# Bon Vivant - 5.5g with Finnex Stingray



## amcoffeegirl (May 26, 2009)

Cute tank. Guppies will overpopulate this quickly. 
Also what is you plan for your bristlenose? How long has he been in this tank? He is likely getting stunted. He is a beautiful fish and in that tank will not live as long or as well as he should. 
I hope you have other - bigger tanks available to you.


----------



## AquaAurora (Jul 10, 2013)

amcoffeegirl said:


> Cute tank. Guppies will overpopulate this quickly.
> Also what is you plan for your bristlenose? How long has he been in this tank? He is likely getting stunted. He is a beautiful fish and in that tank will not live as long or as well as he should.
> I hope you have other - bigger tanks available to you.


+1 this. I think bns should be kept in 20 or larger to give plenty of room for growth, poo dilution, and natural noms (should still get supplements with veggies and wafers as needed though).


----------



## Fishly (Jan 8, 2010)

Ahem:



> I had set up my previous 12+ tanks primarily for breeding guppies and shrimp.
> 
> ...
> 
> ...


I've bred guppies for about four or five years, so I'm aware of how quickly they will breed. I plan to keep the population at about 12 males and 3 females.

The pleco has been in the tank about two weeks. I got him about six weeks ago. The whole growth hormone thing is a myth, so he won't get stunted unless I let the water quality go bad or stop feeding him. I checked the growth rate of LFABN and he should reach 3" or so in about six months, so I'll start looking for a new home for him in March or April.

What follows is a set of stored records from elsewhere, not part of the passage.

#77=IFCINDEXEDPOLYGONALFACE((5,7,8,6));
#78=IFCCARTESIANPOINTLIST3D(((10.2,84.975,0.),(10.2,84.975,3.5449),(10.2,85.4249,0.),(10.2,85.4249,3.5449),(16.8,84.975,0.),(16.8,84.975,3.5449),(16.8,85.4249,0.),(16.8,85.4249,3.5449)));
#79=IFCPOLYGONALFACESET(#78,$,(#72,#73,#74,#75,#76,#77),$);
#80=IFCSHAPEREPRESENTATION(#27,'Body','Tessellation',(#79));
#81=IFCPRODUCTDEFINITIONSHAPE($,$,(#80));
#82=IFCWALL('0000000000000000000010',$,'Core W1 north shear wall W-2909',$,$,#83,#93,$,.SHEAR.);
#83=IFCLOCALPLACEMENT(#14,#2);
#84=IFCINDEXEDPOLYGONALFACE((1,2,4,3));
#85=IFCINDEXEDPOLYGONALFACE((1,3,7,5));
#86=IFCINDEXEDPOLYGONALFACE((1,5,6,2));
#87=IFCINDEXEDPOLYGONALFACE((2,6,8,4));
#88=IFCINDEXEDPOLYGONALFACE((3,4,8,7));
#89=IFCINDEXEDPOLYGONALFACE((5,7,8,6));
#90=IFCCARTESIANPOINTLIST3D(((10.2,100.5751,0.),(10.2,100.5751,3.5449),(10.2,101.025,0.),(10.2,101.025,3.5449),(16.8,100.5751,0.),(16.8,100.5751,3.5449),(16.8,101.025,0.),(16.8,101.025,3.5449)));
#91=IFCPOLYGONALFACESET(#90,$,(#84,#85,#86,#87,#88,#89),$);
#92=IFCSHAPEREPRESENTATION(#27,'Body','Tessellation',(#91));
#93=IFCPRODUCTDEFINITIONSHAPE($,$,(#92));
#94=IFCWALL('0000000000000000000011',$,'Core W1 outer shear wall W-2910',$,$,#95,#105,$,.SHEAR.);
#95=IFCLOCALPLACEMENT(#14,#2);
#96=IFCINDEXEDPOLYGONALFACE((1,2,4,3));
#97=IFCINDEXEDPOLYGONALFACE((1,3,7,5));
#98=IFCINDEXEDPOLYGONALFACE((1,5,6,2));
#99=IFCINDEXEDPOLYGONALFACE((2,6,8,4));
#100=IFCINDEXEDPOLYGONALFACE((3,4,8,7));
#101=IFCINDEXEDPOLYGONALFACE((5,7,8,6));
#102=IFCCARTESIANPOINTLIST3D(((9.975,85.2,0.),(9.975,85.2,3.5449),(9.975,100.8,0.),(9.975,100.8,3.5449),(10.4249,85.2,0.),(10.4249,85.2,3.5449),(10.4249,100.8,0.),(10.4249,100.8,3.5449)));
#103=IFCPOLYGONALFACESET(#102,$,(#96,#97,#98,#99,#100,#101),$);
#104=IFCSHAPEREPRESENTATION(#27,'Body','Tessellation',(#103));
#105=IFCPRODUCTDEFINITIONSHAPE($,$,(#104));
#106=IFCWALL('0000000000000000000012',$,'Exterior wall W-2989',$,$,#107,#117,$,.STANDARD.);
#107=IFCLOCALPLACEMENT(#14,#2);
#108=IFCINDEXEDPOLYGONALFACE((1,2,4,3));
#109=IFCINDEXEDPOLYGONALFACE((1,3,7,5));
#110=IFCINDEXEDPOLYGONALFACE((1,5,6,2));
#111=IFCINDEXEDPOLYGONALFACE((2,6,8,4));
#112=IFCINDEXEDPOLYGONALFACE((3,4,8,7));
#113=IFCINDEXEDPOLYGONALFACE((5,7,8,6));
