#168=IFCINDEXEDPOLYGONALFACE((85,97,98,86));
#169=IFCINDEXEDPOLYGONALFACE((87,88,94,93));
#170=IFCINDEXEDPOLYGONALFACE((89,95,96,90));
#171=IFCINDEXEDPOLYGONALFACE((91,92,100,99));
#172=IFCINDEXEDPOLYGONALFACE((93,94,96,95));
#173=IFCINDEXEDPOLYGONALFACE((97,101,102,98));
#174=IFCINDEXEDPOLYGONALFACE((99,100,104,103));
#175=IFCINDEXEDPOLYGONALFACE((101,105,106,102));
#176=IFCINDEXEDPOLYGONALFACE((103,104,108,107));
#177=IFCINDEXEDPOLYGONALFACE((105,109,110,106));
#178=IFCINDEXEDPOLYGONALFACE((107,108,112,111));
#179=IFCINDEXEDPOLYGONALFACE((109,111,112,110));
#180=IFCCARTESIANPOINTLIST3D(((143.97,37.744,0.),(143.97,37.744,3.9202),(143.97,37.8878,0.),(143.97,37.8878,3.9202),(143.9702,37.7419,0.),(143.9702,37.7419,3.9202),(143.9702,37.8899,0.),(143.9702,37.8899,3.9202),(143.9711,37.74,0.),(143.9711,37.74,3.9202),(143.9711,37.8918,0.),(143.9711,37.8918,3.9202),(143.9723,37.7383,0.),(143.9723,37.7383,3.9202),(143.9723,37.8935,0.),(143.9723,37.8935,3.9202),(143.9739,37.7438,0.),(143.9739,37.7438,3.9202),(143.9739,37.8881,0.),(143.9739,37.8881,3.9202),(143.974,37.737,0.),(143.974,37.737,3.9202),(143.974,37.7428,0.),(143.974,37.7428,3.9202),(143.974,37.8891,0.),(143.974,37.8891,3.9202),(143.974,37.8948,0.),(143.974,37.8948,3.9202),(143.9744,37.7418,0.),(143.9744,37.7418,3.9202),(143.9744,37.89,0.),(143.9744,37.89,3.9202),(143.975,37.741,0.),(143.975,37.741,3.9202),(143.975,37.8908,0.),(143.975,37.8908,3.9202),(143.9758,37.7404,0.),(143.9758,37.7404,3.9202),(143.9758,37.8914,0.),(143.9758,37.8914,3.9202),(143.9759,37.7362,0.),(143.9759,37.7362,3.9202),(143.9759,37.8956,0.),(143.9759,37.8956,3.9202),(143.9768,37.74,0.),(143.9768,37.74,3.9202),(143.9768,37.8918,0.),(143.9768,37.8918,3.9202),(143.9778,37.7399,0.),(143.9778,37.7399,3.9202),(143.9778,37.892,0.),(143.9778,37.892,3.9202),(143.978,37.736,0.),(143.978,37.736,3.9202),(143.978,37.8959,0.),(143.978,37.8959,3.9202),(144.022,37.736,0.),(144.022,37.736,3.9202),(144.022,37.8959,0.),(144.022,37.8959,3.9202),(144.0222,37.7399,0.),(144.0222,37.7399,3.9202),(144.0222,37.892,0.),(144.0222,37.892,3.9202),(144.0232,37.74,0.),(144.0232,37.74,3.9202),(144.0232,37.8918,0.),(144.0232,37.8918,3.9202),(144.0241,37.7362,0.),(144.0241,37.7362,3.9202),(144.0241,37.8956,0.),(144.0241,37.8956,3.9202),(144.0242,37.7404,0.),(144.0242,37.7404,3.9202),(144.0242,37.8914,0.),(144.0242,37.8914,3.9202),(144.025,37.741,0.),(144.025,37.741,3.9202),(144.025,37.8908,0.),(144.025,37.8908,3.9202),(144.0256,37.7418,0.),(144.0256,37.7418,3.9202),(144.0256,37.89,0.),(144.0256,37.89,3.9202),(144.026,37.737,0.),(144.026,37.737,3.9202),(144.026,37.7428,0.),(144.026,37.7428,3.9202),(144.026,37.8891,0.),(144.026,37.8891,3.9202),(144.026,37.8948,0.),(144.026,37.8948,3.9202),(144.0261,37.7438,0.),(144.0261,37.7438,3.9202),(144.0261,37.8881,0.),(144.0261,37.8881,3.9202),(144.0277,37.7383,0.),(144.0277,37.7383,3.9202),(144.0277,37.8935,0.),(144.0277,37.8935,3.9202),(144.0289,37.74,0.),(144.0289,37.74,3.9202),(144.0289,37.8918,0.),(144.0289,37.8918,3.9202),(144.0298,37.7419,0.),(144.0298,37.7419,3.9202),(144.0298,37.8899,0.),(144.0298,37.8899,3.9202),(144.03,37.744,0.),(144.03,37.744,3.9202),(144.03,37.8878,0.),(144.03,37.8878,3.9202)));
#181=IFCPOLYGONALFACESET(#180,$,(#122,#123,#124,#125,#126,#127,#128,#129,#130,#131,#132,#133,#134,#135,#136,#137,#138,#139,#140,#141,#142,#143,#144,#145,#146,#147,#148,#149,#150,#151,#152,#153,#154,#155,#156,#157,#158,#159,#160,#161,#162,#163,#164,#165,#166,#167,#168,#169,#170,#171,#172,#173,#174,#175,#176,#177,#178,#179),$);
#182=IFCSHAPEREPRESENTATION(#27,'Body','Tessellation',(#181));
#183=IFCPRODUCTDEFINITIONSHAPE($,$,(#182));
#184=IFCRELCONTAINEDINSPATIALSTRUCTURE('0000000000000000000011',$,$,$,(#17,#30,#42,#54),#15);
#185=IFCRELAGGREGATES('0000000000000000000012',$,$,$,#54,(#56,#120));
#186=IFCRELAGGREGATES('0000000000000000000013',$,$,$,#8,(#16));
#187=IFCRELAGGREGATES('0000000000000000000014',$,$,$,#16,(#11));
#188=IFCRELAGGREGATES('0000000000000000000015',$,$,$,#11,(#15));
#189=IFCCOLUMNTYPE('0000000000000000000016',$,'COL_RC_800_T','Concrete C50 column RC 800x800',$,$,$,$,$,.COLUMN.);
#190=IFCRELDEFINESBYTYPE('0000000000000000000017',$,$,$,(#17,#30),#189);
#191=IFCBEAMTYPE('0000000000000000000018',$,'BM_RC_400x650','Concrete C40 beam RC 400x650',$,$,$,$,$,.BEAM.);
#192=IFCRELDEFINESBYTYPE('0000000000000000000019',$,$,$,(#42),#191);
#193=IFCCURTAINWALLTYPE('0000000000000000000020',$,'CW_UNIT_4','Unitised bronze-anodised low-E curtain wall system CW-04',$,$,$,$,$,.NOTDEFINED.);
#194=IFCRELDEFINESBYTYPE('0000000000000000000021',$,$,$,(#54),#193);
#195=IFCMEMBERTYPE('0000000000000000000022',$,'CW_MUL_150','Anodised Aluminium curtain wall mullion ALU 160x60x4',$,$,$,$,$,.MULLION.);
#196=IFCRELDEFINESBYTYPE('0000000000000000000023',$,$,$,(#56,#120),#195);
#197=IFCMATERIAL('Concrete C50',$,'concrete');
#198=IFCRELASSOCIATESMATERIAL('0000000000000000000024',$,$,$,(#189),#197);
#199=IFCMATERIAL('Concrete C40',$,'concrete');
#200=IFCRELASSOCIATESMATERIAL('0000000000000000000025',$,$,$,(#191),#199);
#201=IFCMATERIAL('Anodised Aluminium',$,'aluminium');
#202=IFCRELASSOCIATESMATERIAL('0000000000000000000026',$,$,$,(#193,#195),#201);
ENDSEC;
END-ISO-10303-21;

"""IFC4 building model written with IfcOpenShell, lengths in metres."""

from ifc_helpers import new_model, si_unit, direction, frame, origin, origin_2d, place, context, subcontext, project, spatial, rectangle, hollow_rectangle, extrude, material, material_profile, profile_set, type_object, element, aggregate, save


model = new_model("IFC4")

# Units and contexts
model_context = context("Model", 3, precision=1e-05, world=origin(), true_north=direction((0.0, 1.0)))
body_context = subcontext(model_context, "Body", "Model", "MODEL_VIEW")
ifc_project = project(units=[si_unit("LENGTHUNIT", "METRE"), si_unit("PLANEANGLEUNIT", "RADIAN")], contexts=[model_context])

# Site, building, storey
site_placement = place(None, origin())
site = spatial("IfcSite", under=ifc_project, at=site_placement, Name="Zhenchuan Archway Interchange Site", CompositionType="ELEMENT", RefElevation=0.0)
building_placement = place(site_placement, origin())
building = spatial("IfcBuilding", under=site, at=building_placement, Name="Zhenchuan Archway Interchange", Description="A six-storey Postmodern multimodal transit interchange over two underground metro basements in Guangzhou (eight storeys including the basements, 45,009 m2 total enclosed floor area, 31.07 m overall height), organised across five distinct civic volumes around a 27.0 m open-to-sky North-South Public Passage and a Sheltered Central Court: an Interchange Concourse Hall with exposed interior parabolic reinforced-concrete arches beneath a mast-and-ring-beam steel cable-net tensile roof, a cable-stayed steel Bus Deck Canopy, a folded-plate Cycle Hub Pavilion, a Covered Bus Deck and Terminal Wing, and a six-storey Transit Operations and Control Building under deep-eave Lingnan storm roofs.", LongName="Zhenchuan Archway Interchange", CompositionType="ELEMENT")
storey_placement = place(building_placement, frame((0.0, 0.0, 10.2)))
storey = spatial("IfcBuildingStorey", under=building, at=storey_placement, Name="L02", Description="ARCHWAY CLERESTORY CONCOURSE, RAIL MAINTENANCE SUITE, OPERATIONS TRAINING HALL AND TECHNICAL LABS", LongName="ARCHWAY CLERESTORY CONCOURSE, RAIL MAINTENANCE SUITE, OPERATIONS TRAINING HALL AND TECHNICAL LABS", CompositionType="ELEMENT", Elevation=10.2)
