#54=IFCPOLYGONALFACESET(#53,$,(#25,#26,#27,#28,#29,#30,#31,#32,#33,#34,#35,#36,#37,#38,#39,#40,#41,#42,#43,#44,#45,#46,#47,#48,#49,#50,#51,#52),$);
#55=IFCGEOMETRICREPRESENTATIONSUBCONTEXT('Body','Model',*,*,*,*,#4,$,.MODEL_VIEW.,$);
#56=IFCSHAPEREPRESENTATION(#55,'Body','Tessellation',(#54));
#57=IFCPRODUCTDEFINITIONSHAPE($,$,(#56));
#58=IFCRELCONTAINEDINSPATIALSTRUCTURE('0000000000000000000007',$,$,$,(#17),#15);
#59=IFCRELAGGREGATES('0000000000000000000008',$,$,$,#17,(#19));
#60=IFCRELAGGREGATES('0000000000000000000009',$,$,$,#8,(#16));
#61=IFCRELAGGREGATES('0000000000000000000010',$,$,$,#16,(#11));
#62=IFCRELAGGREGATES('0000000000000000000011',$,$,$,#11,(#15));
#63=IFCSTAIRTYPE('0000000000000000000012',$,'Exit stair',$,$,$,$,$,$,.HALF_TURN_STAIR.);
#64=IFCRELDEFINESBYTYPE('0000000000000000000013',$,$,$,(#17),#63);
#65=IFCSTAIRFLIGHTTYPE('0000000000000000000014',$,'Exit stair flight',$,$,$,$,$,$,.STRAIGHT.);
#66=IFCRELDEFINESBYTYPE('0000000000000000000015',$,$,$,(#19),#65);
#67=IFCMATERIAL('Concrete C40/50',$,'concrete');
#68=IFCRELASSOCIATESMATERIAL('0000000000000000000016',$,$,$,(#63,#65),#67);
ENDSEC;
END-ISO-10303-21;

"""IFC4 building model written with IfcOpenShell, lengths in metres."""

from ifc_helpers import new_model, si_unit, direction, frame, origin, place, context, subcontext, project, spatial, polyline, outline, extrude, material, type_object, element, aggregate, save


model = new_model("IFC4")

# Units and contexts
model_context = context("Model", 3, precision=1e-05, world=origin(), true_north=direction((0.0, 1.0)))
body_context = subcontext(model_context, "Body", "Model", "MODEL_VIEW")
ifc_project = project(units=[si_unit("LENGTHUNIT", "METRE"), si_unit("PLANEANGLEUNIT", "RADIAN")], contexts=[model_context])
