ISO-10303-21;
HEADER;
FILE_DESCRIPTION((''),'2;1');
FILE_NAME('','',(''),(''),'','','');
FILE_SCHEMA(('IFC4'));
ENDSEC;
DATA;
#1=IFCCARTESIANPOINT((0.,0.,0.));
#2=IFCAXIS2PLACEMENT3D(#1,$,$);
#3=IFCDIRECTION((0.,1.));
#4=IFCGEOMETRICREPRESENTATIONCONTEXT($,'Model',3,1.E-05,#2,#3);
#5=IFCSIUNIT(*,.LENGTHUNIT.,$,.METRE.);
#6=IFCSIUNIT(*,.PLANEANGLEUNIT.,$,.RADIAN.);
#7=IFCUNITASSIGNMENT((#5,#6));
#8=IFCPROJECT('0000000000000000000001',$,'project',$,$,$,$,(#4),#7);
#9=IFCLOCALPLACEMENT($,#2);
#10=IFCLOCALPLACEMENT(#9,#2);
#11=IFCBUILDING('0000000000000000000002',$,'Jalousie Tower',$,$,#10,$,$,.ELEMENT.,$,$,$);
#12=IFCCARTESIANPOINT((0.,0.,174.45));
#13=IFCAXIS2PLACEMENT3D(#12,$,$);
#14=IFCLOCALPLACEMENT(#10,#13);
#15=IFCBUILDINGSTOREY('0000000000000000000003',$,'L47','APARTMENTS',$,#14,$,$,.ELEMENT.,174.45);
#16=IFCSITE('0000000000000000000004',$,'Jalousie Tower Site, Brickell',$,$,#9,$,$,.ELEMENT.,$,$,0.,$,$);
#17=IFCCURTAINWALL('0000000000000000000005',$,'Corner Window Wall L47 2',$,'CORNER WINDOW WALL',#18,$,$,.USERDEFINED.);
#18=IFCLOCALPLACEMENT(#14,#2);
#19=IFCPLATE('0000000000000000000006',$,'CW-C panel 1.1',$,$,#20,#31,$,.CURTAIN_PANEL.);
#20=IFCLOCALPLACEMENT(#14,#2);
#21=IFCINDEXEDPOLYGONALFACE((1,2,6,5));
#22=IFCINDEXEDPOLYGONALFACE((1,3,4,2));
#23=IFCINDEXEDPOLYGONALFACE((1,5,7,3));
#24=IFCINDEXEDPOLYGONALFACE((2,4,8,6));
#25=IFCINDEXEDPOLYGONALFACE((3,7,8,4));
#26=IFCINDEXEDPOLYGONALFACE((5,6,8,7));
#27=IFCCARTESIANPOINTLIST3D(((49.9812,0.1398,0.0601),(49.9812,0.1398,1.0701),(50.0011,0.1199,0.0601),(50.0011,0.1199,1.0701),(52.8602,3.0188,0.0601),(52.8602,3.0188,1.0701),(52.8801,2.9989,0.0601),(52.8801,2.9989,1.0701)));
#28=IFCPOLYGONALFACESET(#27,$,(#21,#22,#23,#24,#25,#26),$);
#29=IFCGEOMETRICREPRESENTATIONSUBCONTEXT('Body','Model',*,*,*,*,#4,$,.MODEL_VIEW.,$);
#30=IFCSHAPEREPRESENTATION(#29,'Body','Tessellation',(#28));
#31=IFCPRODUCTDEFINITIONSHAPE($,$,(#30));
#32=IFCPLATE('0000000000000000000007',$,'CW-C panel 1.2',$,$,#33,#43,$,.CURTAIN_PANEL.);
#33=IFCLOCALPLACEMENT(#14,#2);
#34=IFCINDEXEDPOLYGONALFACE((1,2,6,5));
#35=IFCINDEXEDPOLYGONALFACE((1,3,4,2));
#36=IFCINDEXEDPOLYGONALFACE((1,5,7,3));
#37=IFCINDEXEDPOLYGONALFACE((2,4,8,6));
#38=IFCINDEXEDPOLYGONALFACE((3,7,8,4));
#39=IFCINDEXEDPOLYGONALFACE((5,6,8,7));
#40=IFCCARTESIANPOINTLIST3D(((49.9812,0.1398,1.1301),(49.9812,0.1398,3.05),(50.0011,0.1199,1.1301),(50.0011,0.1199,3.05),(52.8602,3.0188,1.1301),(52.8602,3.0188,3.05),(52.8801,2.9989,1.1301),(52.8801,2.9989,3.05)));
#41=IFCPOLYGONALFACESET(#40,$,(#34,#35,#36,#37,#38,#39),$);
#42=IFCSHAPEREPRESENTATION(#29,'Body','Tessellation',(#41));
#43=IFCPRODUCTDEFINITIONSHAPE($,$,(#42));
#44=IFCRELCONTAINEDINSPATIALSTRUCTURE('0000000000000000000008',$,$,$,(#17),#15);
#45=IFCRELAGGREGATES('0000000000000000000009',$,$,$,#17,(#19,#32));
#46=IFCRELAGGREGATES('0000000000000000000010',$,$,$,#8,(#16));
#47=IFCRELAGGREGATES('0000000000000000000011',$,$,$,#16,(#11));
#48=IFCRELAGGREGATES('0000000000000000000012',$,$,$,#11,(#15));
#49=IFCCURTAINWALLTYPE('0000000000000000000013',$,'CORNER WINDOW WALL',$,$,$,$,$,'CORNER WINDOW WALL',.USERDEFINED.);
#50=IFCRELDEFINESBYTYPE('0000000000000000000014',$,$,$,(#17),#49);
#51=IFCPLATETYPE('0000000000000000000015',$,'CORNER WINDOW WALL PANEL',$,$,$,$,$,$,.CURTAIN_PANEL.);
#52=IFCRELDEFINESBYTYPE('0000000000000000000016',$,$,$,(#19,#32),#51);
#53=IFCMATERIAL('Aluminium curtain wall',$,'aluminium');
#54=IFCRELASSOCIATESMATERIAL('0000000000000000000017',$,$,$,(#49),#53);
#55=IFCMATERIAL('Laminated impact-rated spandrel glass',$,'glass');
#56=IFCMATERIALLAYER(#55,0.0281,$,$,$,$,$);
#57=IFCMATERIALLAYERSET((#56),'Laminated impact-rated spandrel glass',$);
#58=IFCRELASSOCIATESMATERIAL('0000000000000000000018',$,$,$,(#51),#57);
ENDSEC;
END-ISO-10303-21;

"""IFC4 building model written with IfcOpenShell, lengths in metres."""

from ifc_helpers import new_model, si_unit, direction, frame, origin, origin_2d, place, context, subcontext, project, spatial, rectangle, extrude, material, layer, layer_set, type_object, element, aggregate, save


model = new_model("IFC4")

# Units and contexts
model_context = context("Model", 3, precision=1e-05, world=origin(), true_north=direction((0.0, 1.0)))
body_context = subcontext(model_context, "Body", "Model", "MODEL_VIEW")
ifc_project = project(units=[si_unit("LENGTHUNIT", "METRE"), si_unit("PLANEANGLEUNIT", "RADIAN")], contexts=[model_context])

# Site, building, storey
site_placement = place(None, origin())
site = spatial("IfcSite", under=ifc_project, at=site_placement, Name="Jalousie Tower Site, Brickell", CompositionType="ELEMENT", RefElevation=0.0)
building_placement = place(site_placement, origin())
building = spatial("IfcBuilding", under=site, at=building_placement, Name="Jalousie Tower", CompositionType="ELEMENT")
storey_placement = place(building_placement, frame((0.0, 0.0, 174.45)))
storey = spatial("IfcBuildingStorey", under=building, at=storey_placement, Name="L47", Description="APARTMENTS", CompositionType="ELEMENT", Elevation=174.45)

# Curtain wall
ifc_material_1 = material(Name="Aluminium curtain wall", Category="aluminium")
curtain_wall_type_1 = type_object("IfcCurtainWallType", Name="CORNER WINDOW WALL", ElementType="CORNER WINDOW WALL", PredefinedType="USERDEFINED", material=ifc_material_1)
curtain_wall_1_placement = place(storey_placement, origin())
curtain_wall_1 = element("IfcCurtainWall", 1, at=curtain_wall_1_placement, inside=storey, type_object=curtain_wall_type_1, Name="Corner Window Wall L47 2", ObjectType="CORNER WINDOW WALL", PredefinedType="USERDEFINED")

# Plates
ifc_material_2 = material(Name="Laminated impact-rated spandrel glass", Category="glass")
ifc_layer = layer(ifc_material_2, 0.0281)
ifc_layer_set = layer_set([ifc_layer], Name="Laminated impact-rated spandrel glass")
plate_type = type_object("IfcPlateType", Name="CORNER WINDOW WALL PANEL", PredefinedType="CURTAIN_PANEL", material=ifc_layer_set)
plate_1_placement = place(storey_placement, frame((51.4307, 1.5693, 0.0601), z_axis=(0.0, 0.0, 1.0), x_axis=(0.707107, 0.707107, 0.0)))
plate_1 = element("IfcPlate", 2, at=plate_1_placement, type_object=plate_type, Name="CW-C panel 1.1", PredefinedType="CURTAIN_PANEL", context=body_context, shape_type="SweptSolid", body=[
    extrude(rectangle(XDim=4.0715, YDim=0.0281, at=origin_2d()), origin(), (0.0, 0.0, 1.0), 1.01),
])
plate_2_placement = place(storey_placement, frame((51.4307, 1.5693, 1.1301), z_axis=(0.0, 0.0, 1.0), x_axis=(0.707107, 0.707107, 0.0)))
plate_2 = element("IfcPlate", 3, at=plate_2_placement, type_object=plate_type, Name="CW-C panel 1.2", PredefinedType="CURTAIN_PANEL", context=body_context, shape_type="SweptSolid", body=[
    extrude(rectangle(XDim=4.0715, YDim=0.0281, at=origin_2d()), origin(), (0.0, 0.0, 1.0), 1.9199),
])
aggregate(curtain_wall_1, [plate_1, plate_2])

save(model, "model.ifc")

This tank was designed to accommodate a large bioload. That's why I chose fast growing plants and added an ammonia sensor. The substrate is 80% covered with plants, 90% of which (by volume, not species) are fast growers. I may need to stop dosing nitrate, but that's fine with me.


----------



## amcoffeegirl (May 26, 2009)

I have had my bristlenose about 2 months. He is 3 inches now. In a 46 bowfront. He was just a baby when I got him less than one inch.
Stunting does occur in small tanks- that is not a myth.


----------



## Julee (Aug 12, 2011)

amcoffeegirl said:


> Stunting does occur in small tanks- that is not a myth.


Definitely not a myth...


----------



## Fishly (Jan 8, 2010)

I stand corrected. After researching it further, I have found that some fish do release a growth-inhibiting pheromone. However, I do not think the pleco will become stunted in this tank. His growth may be slowed, but I define stunting as permanently reduced size with environmentally-induced deformities, not just slowed growth. That usually requires some amount of neglect, not just a smaller tank size.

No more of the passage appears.